Non è la prima volta che Trump si avvale dell’Avana per spostare l’attenzione dall’Iran. “Cuba è la prossima”, aveva detto un paio di settimane fa. E ancora: “Fate finta che non l’ho detto, ma è la prossima”. Il dossier cubano è stato anche riportato al Congresso, durante un’udienza tenutasi giovedì, presso il sottocomitato per l’Emisfero occidentale. “L’Avana è l’epicentro del male nella regione”, ha esclamato la repubblicana María Elvira Salazar che ha presieduto i lavori. Per lei “il vento di libertà” soffia nel continente, grazie alla “nuova dottrina Monroe”, volta a “contrastare l’influenza cinese” sui vicini. Salazar suggerisce a Washington di “disconnettere” il regime, per “farlo cadere”.
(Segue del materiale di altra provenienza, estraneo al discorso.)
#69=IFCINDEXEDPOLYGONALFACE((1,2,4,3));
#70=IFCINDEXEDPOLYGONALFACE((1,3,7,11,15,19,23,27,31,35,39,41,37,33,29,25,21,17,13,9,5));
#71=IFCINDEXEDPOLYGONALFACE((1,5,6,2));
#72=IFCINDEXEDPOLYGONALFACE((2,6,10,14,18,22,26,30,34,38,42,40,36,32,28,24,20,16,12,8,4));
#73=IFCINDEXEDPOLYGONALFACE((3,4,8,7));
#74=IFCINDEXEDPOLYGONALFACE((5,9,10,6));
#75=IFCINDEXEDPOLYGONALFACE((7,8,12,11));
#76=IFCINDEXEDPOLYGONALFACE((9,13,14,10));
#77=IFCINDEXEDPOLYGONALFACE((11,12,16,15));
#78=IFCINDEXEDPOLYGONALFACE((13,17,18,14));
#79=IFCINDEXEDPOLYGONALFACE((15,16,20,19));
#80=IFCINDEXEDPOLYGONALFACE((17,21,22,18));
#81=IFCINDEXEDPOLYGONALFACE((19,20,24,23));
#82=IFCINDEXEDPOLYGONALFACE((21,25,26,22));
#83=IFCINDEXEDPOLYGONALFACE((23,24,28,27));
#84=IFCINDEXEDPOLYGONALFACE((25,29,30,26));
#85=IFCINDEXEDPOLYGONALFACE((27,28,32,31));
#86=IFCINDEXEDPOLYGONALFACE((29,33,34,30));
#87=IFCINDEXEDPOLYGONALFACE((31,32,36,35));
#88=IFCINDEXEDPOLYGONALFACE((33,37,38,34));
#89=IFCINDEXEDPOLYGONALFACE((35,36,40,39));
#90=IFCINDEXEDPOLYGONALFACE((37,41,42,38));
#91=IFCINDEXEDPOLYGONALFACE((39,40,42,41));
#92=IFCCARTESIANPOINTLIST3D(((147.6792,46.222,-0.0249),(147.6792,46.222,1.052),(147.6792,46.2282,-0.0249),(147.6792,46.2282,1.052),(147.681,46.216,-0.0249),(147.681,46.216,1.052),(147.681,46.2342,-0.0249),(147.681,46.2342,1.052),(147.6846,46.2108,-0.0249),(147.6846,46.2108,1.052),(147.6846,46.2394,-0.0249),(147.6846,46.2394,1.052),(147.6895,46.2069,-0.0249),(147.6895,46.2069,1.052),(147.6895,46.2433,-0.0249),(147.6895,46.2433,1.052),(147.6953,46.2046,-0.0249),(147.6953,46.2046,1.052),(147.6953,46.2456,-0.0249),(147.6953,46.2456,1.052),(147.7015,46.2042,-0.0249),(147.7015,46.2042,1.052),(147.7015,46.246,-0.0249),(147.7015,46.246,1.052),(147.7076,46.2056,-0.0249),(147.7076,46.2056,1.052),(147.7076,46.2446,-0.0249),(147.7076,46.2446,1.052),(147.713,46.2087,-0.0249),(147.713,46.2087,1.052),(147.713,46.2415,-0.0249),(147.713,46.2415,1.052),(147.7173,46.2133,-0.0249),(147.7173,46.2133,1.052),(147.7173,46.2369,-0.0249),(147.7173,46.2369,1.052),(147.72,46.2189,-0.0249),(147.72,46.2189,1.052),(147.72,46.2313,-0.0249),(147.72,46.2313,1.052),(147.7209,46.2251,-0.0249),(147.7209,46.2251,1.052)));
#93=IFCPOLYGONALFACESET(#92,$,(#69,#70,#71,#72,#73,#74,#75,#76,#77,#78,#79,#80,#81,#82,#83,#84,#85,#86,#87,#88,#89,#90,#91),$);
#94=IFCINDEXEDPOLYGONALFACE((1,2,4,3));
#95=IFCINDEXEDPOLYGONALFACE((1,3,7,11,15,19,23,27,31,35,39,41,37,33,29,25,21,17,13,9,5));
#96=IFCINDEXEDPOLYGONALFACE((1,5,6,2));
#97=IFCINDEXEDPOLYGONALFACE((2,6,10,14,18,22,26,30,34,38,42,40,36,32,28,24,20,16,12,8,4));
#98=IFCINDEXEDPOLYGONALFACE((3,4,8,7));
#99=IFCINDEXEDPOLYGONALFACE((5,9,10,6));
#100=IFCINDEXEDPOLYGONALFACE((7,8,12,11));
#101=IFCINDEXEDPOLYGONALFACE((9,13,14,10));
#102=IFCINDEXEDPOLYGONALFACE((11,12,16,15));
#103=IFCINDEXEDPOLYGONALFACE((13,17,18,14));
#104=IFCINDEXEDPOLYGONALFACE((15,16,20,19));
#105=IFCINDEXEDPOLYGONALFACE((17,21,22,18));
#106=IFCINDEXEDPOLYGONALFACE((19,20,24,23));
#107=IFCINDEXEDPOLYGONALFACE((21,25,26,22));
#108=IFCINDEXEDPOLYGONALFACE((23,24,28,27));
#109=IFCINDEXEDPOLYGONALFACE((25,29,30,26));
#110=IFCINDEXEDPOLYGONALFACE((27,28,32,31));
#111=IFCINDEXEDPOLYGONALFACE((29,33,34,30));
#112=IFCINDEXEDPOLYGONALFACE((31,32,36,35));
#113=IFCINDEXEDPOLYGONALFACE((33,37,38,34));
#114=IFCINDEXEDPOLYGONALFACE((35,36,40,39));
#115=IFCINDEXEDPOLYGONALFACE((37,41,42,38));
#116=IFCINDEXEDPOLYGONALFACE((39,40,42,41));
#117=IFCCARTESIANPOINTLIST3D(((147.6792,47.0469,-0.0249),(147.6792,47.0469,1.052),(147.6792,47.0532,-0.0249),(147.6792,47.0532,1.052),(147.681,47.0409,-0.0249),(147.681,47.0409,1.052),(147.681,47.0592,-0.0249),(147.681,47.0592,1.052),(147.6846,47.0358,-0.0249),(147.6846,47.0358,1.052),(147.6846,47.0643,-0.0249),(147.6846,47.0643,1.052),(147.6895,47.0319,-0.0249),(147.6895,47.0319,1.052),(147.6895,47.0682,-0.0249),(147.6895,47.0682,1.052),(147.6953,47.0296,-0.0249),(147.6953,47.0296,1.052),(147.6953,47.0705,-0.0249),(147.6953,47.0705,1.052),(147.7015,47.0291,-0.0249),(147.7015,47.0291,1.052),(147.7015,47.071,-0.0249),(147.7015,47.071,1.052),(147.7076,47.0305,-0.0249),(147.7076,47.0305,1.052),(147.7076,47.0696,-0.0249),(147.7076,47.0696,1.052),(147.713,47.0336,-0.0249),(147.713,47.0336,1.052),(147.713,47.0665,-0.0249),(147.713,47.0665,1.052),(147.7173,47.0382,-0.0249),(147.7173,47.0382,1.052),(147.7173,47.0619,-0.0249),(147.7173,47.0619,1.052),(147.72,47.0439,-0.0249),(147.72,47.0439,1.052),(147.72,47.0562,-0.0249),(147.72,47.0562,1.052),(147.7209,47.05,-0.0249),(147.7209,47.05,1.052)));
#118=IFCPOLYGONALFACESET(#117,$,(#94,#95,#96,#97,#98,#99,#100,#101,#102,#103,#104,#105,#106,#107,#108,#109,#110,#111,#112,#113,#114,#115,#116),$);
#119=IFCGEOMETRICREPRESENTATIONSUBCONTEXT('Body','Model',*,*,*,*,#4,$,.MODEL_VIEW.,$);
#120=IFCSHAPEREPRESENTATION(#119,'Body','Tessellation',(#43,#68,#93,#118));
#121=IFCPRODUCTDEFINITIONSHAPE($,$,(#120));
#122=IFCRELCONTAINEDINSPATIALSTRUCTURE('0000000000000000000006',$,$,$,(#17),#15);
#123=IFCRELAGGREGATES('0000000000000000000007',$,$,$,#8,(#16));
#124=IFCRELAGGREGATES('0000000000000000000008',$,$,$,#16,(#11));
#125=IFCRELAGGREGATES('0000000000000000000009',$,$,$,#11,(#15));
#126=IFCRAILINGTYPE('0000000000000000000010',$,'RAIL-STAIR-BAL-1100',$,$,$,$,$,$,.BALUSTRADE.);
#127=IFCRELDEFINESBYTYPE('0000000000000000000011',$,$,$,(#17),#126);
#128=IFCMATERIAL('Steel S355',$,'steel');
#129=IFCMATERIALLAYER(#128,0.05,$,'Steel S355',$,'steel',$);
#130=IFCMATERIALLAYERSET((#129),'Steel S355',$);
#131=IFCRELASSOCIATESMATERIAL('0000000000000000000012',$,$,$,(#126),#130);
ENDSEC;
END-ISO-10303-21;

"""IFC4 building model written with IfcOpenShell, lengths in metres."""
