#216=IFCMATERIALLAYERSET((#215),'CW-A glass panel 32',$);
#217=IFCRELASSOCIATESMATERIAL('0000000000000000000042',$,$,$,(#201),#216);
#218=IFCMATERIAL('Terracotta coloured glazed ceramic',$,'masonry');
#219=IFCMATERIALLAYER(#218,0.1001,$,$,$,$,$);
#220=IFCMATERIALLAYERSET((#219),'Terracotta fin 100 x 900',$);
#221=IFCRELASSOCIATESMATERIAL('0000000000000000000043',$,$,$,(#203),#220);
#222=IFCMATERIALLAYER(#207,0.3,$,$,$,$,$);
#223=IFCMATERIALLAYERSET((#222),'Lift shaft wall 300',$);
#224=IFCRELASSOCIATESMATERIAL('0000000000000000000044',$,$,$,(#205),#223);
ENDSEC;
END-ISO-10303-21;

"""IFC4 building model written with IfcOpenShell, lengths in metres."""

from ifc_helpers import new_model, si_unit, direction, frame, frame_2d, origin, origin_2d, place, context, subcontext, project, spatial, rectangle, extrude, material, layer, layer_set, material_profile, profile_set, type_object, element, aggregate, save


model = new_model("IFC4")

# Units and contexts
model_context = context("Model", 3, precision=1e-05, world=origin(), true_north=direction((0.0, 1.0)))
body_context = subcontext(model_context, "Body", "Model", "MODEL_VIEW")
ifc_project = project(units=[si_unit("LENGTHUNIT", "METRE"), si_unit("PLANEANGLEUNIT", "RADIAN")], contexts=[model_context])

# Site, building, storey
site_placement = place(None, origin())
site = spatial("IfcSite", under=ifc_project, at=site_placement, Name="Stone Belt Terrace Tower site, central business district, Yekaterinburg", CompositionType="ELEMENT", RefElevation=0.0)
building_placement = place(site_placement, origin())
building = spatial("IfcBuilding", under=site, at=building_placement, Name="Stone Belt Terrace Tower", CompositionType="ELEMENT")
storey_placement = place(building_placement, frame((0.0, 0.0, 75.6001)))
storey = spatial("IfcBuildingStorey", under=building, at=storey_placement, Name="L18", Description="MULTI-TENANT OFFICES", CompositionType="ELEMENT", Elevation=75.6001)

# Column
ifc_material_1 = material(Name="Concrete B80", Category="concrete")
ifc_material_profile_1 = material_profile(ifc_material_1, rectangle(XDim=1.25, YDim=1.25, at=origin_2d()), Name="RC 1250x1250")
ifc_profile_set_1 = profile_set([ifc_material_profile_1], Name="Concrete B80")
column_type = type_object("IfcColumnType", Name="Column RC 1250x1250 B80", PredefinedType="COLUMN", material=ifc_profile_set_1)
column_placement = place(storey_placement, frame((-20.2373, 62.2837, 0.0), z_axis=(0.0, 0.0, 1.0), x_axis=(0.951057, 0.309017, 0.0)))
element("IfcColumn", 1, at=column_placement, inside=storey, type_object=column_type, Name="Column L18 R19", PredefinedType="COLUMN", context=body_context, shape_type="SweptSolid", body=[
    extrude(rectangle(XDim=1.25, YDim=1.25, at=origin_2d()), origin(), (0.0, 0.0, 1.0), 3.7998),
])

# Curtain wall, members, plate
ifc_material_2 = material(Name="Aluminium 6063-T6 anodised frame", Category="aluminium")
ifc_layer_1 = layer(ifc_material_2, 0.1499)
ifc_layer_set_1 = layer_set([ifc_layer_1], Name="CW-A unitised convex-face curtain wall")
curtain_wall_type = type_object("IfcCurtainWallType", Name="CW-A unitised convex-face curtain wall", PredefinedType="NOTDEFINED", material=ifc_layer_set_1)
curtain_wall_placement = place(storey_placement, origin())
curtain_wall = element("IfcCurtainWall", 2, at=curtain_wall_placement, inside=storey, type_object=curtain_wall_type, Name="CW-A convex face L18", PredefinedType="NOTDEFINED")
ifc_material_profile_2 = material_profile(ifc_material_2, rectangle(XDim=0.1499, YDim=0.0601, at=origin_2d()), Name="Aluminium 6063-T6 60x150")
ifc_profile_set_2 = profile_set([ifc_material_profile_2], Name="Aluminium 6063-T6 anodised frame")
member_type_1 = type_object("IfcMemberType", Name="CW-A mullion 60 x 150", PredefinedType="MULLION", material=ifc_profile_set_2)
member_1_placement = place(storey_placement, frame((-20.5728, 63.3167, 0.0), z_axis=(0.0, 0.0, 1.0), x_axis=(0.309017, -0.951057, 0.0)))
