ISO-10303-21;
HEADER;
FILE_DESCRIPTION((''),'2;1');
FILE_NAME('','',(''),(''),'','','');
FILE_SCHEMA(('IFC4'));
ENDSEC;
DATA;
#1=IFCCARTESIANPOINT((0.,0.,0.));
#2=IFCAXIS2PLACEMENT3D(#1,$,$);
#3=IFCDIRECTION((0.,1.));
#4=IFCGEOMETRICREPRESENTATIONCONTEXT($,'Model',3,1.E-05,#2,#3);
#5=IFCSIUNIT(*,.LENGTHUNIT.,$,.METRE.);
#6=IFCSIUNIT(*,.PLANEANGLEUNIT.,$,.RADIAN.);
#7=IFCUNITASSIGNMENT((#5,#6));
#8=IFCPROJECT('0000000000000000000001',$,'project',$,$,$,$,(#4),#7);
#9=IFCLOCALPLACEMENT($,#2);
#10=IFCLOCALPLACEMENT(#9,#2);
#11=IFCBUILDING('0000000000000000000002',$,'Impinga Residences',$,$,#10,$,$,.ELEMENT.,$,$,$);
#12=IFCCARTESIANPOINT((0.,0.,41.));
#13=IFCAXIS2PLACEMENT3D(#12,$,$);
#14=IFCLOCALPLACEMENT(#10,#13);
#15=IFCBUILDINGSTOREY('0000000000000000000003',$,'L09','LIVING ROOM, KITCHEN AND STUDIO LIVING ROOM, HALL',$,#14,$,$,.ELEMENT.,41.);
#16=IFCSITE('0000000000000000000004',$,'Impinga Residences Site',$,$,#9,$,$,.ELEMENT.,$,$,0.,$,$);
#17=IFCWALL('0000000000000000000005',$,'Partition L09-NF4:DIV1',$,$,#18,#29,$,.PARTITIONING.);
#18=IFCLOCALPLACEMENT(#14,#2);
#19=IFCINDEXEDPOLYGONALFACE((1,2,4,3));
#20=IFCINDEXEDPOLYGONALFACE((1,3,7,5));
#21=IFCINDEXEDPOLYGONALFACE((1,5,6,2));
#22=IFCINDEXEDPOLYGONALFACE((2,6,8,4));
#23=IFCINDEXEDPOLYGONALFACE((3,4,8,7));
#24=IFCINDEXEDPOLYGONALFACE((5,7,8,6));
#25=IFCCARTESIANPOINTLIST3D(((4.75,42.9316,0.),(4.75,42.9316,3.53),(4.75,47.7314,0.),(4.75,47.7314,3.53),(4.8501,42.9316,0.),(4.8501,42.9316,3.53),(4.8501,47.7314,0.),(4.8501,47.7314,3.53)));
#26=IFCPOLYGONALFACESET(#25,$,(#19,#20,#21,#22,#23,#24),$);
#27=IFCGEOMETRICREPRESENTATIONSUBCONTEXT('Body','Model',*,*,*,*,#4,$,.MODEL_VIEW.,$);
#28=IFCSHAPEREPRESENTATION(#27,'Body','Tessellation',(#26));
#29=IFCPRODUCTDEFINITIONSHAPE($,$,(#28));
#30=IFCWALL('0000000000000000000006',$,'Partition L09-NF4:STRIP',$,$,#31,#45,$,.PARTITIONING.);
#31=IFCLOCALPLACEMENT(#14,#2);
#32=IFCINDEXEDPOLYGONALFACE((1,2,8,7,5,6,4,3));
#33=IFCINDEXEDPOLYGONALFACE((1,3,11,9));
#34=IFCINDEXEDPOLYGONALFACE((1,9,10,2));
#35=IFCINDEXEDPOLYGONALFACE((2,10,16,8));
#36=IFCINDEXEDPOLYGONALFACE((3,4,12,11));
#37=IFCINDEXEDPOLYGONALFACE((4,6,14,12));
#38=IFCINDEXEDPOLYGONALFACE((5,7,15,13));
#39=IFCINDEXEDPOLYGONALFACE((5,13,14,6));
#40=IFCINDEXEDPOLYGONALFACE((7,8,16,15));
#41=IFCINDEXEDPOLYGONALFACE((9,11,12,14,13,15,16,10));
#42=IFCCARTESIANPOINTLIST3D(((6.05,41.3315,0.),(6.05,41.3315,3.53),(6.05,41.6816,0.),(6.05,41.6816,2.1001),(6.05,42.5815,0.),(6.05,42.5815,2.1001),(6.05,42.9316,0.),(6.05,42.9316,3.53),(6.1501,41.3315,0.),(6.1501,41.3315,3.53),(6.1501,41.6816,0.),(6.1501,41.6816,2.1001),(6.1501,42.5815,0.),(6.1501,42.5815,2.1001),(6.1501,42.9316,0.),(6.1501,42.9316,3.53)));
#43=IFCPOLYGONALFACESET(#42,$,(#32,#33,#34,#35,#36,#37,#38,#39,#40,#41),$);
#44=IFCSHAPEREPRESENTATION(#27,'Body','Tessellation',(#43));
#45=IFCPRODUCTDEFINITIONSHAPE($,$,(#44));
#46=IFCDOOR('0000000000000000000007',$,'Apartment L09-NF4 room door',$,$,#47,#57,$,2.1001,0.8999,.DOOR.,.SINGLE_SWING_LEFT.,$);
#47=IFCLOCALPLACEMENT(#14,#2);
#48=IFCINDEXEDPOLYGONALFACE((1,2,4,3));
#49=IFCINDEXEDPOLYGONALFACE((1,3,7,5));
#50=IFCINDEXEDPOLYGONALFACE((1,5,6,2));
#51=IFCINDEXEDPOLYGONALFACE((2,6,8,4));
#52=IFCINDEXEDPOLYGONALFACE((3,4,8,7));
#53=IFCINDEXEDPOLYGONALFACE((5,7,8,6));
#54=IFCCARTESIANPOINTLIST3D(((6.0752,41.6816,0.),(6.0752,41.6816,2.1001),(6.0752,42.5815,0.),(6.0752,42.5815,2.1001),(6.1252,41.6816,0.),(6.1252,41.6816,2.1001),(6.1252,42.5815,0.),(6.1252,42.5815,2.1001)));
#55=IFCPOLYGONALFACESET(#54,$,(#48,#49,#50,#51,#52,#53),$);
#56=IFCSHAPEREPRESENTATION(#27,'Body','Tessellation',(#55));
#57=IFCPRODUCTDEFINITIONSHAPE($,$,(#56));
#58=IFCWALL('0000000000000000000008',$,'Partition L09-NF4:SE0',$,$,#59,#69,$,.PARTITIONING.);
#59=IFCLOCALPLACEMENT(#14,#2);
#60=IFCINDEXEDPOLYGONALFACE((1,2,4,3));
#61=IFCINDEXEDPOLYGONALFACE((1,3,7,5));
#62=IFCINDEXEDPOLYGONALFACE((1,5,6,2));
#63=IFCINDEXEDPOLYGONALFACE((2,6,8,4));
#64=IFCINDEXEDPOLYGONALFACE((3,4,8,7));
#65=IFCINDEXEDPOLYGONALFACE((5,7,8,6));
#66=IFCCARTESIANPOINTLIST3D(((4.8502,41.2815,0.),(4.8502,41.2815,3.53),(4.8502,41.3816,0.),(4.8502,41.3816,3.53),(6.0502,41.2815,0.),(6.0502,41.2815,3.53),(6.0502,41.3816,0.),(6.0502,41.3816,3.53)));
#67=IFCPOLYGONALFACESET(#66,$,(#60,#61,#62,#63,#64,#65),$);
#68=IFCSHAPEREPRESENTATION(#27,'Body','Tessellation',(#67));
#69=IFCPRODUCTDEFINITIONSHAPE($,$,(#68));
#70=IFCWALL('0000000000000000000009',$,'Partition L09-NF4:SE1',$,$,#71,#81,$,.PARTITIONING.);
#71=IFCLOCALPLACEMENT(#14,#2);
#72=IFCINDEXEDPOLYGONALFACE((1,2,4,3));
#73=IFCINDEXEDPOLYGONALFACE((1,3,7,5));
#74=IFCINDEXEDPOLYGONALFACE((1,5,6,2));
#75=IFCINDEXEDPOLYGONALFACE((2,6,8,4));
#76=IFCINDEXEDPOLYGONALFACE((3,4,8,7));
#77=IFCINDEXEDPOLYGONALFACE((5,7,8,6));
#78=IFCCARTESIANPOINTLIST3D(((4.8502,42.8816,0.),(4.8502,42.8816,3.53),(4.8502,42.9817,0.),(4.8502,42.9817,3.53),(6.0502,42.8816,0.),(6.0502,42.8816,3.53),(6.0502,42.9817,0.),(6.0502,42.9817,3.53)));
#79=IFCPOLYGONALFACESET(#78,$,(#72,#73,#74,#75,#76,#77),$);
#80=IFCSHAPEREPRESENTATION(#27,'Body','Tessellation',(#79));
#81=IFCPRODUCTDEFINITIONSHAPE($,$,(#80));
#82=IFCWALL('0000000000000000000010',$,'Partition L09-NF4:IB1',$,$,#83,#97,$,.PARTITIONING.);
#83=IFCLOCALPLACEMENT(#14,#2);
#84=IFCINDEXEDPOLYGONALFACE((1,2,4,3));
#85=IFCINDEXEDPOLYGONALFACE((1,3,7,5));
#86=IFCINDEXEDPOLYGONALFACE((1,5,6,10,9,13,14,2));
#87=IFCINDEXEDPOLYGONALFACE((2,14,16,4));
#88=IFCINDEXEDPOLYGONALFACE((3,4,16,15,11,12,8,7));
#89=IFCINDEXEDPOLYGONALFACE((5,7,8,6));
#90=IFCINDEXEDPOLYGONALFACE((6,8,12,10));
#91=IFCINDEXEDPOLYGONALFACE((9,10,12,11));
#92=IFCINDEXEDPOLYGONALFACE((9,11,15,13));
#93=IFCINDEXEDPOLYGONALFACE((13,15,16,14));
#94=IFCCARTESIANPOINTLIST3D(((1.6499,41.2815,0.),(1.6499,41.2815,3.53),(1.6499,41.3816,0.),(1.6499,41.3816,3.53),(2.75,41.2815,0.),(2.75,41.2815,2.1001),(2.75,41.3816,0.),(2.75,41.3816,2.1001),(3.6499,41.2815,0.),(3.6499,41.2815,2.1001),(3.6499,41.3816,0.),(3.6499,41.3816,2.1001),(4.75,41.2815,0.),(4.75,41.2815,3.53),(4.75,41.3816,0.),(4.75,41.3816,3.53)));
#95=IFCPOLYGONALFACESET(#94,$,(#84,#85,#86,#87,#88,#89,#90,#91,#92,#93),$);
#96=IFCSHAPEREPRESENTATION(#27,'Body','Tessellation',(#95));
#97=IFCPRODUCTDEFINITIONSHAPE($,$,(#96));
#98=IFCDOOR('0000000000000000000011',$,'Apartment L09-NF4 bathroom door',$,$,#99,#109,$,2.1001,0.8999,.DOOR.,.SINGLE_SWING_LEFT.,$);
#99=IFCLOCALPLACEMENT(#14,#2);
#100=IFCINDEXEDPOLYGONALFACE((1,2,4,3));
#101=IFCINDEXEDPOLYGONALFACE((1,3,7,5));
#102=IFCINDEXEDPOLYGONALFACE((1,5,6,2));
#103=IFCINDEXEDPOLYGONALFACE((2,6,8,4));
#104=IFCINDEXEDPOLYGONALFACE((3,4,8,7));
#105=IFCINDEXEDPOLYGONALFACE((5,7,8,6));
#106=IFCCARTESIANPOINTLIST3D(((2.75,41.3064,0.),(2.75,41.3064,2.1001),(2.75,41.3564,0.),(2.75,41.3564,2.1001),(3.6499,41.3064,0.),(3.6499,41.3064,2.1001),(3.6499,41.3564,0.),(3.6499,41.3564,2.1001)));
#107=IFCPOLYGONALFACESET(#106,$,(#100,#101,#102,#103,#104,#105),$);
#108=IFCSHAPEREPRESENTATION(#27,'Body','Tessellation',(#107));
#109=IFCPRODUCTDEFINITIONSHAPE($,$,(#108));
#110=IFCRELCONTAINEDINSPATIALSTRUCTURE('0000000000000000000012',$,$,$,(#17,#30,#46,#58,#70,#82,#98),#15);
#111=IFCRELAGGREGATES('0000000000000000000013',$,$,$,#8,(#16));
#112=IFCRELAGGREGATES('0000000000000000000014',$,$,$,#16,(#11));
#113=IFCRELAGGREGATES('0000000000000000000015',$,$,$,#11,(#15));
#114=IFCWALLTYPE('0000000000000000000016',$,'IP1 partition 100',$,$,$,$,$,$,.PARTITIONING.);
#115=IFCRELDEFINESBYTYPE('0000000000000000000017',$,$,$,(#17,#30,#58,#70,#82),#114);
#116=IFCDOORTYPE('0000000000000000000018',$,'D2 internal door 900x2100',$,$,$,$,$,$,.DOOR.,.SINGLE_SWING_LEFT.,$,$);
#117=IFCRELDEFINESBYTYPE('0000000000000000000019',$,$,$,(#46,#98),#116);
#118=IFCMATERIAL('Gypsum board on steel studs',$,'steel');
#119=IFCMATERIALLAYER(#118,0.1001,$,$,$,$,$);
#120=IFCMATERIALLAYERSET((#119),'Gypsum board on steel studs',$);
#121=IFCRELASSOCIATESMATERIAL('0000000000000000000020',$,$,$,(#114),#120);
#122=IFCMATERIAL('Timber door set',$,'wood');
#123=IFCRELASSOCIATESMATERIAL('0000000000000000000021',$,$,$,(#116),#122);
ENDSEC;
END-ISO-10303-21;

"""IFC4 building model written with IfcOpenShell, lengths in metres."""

from ifc_helpers import new_model, si_unit, direction, frame, frame_2d, origin, place, context, subcontext, project, spatial, rectangle, extrude, material, layer, layer_set, type_object, element, fill, save


model = new_model("IFC4")

# Units and contexts
model_context = context("Model", 3, precision=1e-05, world=origin(), true_north=direction((0.0, 1.0)))
body_context = subcontext(model_context, "Body", "Model", "MODEL_VIEW")
ifc_project = project(units=[si_unit("LENGTHUNIT", "METRE"), si_unit("PLANEANGLEUNIT", "RADIAN")], contexts=[model_context])

# Site, building, storey
site_placement = place(None, origin())
site = spatial("IfcSite", under=ifc_project, at=site_placement, Name="Impinga Residences Site", CompositionType="ELEMENT", RefElevation=0.0)
building_placement = place(site_placement, origin())
building = spatial("IfcBuilding", under=site, at=building_placement, Name="Impinga Residences", CompositionType="ELEMENT")
storey_placement = place(building_placement, frame((0.0, 0.0, 41.0)))
storey = spatial("IfcBuildingStorey", under=building, at=storey_placement, Name="L09", Description="LIVING ROOM, KITCHEN AND STUDIO LIVING ROOM, HALL", CompositionType="ELEMENT", Elevation=41.0)

# Wall
ifc_material_1 = material(Name="Gypsum board on steel studs", Category="steel")
ifc_layer_1 = layer(ifc_material_1, 0.1001)
ifc_layer_set_1 = layer_set([ifc_layer_1], Name="Gypsum board on steel studs")
wall_type_1 = type_object("IfcWallType", Name="IP1 partition 100", PredefinedType="PARTITIONING", material=ifc_layer_set_1)
wall_1_placement = place(storey_placement, frame((4.8, 42.9316, 0.0), z_axis=(0.0, 0.0, 1.0), x_axis=(0.0, 1.0, 0.0)))
element("IfcWall", 1, at=wall_1_placement, inside=storey, type_object=wall_type_1, Name="Partition L09-NF4:DIV1", PredefinedType="PARTITIONING", context=body_context, shape_type="SweptSolid", body=[
    extrude(rectangle(XDim=4.7998, YDim=0.1001, at=frame_2d((2.3999, 0.0))), origin(), (0.0, 0.0, 1.0), 3.53),
])

# Wall, opening, door
wall_2_placement = place(storey_placement, frame((6.1001, 41.3315, 0.0), z_axis=(0.0, 0.0, 1.0), x_axis=(0.0, 1.0, 0.0)))
wall_2 = element("IfcWall", 2, at=wall_2_placement, inside=storey, type_object=wall_type_1, Name="Partition L09-NF4:STRIP", PredefinedType="PARTITIONING", context=body_context, shape_type="SweptSolid", body=[
    extrude(rectangle(XDim=1.6001, YDim=0.1001, at=frame_2d((0.8, 0.0))), origin(), (0.0, 0.0, 1.0), 3.53),
])
opening_1_placement = place(wall_2_placement, frame((0.3501, 0.0, 0.0)))
opening_1 = element("IfcOpeningElement", 3, at=opening_1_placement, cuts=wall_2, PredefinedType="OPENING", context=body_context, shape_type="SweptSolid", body=[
Ma c’è chi dice no. “Cercate solo una vittoria rapida, dopo le difficoltà riscontrate in Iran”, ha replicato il dem Joaquín Castro, denunciando l’assenza di una “roadmap chiara” e il rischio di una “catastrofe” a livello regionale. Nel frattempo, Raúl Guillermo Rodríguez, nipote di Raúl Castro, prova a mantenere in piedi le trattative con gli Usa. Tra i tentativi più recenti, secondo il Wall Street Journal: una lettera destinata a Trump, attraverso l’imprenditore Roberto Carlos Chamizo, che però è stato fermato dall’Ice nell’aeroporto di Miami. “I cubani vorrebbero aggirare Rubio e rivolgersi direttamente a Trump”, assicura l’analista Peter Kornbluh. L’Avana ritiene Rubio un ostacolo ai negoziati: “Non si fidano di lui e non lo reputano un interlocutore imparziale”.
Il blocco petrolifero – che ha subito solo qualche piccola deroga, come l’arrivo della nave russa Anatoly Kolodkin – ha acuito la crisi umanitaria nell’isola: nove cubani su dieci vivono in povertà estrema e la produzione energetica è al di sotto del 40% del fabbisogno. “È inaccettabile che alla gente sia negato il minimo indispensabile per sopravvivere”, ha denunciato il sacerdote francescano Luis Pernas che due volte a settimana eroga beni di prima necessità ai cubani in fila nella parrocchia Santa Cruz de Jerusalén (Avana). Tuttavia Washington non cede. La strategia – negoziati o meno – è quella dell’isolamento, già testata a Caracas. Anche lì, però, il governo si è ricompattato e, al di là degli affari, Washington – che in meno di cento giorni ha sostituito l’incaricato di Affari, da Laura Dogu a John Barrett – non sembra avere l’ultima parola.